Additionally, replacing paper lists with a mobile tool in some instances led to a workflow mismatch when users needed to reference their lists on their mobile device during a phone call. While this was not an issue when using the application at a desktop workstation or workstation on wheels, using a mobile device occasionally required a workaround like using a landline or headphones for the phone call.

But ultimately, the researchers observed general user satisfaction with the EHR integration.

End-users reported that they were able to quickly learn to use the application. Clinicians also noted that the application improved their work experience and enhanced care coordination by increasing the safety and quality of their handoffs.

Clinicians could access Carelign from the EHR, computer workstations, and mobile devices. The study found that having mobile access to data increased the frequency with which teams accessed data on rounds, while requiring less login time.

“Use of Carelign increased over the course of our study, even after the health system's implementation of a system-wide integrated EHR,” the study authors noted. “Clinical groups quickly began to envision new uses and even structure quality improvement projects around the application.”

The study authors emphasized that the design of the application benefited from constant user feedback. During pilot phases, end-users provided application feedback via an online survey. However, this was poorly utilized.
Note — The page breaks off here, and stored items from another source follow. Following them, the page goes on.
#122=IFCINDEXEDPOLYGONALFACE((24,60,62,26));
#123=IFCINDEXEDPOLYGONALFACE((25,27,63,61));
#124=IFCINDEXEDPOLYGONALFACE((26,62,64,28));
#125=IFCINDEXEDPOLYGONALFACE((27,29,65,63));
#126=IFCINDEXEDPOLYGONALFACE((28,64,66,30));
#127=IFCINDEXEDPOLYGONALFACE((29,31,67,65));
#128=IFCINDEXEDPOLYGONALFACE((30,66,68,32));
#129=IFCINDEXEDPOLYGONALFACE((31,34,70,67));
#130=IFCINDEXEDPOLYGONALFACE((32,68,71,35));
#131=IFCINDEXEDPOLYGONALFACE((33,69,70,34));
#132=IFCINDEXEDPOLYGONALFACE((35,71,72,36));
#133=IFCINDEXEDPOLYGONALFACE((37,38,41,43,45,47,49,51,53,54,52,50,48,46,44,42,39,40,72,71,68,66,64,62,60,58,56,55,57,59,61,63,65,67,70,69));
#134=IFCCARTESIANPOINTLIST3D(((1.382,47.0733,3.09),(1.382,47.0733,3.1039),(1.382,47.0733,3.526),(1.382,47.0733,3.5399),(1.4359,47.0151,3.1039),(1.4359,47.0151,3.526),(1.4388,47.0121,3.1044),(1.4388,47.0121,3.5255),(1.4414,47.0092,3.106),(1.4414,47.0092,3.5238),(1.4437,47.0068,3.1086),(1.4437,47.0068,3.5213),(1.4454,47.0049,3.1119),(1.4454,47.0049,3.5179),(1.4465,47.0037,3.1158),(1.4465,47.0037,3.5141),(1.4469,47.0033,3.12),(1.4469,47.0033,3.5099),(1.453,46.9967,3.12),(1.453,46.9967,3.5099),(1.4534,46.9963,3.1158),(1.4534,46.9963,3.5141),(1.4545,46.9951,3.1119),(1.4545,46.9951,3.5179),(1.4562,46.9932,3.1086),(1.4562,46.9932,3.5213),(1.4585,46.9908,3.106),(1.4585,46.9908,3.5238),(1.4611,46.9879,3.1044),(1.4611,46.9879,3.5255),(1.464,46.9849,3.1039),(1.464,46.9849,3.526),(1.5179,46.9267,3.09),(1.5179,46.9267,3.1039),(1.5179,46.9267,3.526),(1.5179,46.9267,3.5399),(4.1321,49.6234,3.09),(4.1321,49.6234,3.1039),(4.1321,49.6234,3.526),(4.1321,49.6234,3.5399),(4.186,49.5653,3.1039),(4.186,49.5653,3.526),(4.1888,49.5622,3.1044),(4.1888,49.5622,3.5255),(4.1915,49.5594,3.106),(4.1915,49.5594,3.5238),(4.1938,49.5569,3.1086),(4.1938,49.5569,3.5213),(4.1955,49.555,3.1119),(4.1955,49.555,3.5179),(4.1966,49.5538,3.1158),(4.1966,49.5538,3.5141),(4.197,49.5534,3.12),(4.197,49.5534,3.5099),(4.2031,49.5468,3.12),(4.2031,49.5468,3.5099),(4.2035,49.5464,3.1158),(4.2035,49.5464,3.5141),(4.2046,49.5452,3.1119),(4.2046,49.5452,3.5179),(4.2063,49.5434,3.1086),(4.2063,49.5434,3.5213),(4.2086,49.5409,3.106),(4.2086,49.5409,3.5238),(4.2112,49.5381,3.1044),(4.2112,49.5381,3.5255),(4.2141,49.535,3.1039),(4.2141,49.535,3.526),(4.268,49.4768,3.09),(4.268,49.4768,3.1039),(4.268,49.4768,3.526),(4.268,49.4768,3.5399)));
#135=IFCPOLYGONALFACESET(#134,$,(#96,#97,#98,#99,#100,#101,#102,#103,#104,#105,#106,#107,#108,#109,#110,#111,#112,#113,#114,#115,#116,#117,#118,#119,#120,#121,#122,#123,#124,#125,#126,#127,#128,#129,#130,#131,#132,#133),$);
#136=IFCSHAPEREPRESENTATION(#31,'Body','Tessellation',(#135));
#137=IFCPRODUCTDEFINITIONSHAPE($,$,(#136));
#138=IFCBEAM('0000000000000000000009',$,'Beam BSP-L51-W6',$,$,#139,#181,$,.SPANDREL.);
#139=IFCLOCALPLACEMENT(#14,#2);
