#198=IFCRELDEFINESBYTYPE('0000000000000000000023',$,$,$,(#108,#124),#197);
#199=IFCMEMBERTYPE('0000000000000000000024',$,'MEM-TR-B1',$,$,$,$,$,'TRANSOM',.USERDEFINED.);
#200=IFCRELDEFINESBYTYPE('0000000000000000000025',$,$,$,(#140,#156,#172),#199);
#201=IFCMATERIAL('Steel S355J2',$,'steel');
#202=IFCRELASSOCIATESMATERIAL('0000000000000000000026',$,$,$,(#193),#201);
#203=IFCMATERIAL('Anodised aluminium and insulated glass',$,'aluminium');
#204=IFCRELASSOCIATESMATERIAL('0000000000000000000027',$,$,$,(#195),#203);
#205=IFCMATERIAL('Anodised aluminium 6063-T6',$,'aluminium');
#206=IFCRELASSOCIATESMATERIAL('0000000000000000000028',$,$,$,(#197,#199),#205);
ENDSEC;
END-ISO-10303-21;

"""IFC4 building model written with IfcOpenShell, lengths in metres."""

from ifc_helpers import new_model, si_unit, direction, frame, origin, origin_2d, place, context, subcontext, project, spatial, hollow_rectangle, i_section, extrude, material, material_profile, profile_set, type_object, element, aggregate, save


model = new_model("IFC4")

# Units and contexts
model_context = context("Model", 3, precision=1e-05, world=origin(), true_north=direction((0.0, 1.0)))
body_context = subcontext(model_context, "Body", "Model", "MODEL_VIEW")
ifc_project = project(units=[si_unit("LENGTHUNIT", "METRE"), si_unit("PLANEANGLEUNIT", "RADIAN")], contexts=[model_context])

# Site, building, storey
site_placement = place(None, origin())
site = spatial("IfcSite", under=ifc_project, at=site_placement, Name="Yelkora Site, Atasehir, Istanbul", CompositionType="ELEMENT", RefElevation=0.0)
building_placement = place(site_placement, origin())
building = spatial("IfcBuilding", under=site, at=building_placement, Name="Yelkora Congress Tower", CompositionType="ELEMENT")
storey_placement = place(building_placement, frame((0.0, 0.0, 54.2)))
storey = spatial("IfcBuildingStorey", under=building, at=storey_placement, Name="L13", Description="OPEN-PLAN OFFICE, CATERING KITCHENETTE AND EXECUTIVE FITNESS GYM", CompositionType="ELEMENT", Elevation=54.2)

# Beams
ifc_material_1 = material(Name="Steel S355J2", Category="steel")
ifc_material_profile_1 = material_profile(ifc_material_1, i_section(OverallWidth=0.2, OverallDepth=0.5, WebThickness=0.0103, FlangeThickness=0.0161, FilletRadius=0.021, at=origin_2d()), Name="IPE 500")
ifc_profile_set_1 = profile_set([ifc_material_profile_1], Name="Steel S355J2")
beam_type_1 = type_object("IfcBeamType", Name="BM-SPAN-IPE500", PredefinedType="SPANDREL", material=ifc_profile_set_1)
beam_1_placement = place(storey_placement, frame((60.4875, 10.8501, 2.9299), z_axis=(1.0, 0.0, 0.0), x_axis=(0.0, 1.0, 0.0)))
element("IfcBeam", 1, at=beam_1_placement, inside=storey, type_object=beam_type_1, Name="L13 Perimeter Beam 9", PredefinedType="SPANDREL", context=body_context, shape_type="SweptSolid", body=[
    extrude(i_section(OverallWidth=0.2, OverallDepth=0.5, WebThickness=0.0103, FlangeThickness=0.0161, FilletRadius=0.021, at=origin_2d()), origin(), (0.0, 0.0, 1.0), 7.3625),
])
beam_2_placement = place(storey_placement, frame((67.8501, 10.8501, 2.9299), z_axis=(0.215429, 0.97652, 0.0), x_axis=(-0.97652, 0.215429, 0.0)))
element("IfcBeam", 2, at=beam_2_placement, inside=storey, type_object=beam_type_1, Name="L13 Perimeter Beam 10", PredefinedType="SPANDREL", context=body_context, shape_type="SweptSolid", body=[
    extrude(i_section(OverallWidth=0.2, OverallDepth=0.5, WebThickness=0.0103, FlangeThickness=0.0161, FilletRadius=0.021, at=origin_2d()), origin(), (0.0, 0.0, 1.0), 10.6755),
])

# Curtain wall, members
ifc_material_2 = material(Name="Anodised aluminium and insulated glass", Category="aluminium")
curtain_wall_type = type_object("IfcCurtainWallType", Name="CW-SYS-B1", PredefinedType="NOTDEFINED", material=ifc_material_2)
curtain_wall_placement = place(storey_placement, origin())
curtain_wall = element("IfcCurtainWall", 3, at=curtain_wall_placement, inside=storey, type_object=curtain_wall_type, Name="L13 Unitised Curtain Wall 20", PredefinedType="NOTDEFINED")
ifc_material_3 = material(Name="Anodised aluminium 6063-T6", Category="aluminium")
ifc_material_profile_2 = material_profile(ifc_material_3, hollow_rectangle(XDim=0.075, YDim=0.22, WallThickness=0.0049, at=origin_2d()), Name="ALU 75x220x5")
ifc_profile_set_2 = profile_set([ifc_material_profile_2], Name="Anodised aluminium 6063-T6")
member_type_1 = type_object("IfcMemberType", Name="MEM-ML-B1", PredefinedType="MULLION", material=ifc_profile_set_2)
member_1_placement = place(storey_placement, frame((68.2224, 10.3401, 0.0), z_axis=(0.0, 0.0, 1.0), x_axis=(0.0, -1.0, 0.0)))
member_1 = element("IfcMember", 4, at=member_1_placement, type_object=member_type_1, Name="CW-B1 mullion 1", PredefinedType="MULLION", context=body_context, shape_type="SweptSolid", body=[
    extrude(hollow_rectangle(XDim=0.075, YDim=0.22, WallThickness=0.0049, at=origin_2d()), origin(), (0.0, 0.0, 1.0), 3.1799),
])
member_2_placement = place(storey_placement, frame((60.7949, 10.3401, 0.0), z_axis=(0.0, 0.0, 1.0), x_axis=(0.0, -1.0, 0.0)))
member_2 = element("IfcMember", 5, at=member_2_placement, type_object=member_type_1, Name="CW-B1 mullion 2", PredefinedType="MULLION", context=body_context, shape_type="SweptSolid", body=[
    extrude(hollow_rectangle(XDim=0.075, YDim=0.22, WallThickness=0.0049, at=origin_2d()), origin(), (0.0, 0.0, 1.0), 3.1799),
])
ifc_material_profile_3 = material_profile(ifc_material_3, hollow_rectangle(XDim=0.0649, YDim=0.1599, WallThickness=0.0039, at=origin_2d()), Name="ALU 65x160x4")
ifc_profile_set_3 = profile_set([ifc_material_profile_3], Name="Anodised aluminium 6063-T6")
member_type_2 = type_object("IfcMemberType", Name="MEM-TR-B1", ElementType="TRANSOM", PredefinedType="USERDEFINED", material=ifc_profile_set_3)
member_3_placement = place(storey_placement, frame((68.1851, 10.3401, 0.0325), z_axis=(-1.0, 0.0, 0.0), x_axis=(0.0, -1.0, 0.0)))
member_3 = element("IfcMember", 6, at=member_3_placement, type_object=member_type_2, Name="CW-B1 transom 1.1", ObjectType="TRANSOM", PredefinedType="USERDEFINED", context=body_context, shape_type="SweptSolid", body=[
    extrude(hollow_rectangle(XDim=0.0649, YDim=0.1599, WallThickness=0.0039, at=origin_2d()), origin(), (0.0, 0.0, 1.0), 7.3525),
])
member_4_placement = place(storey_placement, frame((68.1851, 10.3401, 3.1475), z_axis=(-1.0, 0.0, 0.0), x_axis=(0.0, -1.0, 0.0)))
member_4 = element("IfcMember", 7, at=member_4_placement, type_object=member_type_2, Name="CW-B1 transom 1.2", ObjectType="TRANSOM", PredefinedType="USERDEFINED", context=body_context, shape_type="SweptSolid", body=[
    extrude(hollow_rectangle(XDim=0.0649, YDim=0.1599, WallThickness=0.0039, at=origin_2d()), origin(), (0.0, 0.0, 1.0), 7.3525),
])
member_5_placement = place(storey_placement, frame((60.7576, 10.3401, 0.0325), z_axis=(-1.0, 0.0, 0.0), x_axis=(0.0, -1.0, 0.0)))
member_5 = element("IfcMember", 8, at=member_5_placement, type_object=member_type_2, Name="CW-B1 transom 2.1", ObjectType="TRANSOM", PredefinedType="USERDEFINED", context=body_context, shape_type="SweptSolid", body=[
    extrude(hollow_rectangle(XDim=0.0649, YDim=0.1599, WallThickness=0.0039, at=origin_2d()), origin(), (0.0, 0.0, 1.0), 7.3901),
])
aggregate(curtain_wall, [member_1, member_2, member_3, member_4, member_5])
The researchers moved the mechanism to an in-application tool, which proved a more streamlined method for users to give feedback.

Key factors for success of this feedback mechanism were inclusion of user contact information and application metadata, timely responses to user issues and suggestions, and incorporation of ideas into the application when appropriate.

“We demonstrate that an EHR-connected data visualization and handoff tool that supports team-based care planning can be readily adopted and incorporated into clinical processes,” the authors wrote. “Continued studies of EHR-connected applications are needed to enhance clinician workflow and improve interactions and experience with EHRs.”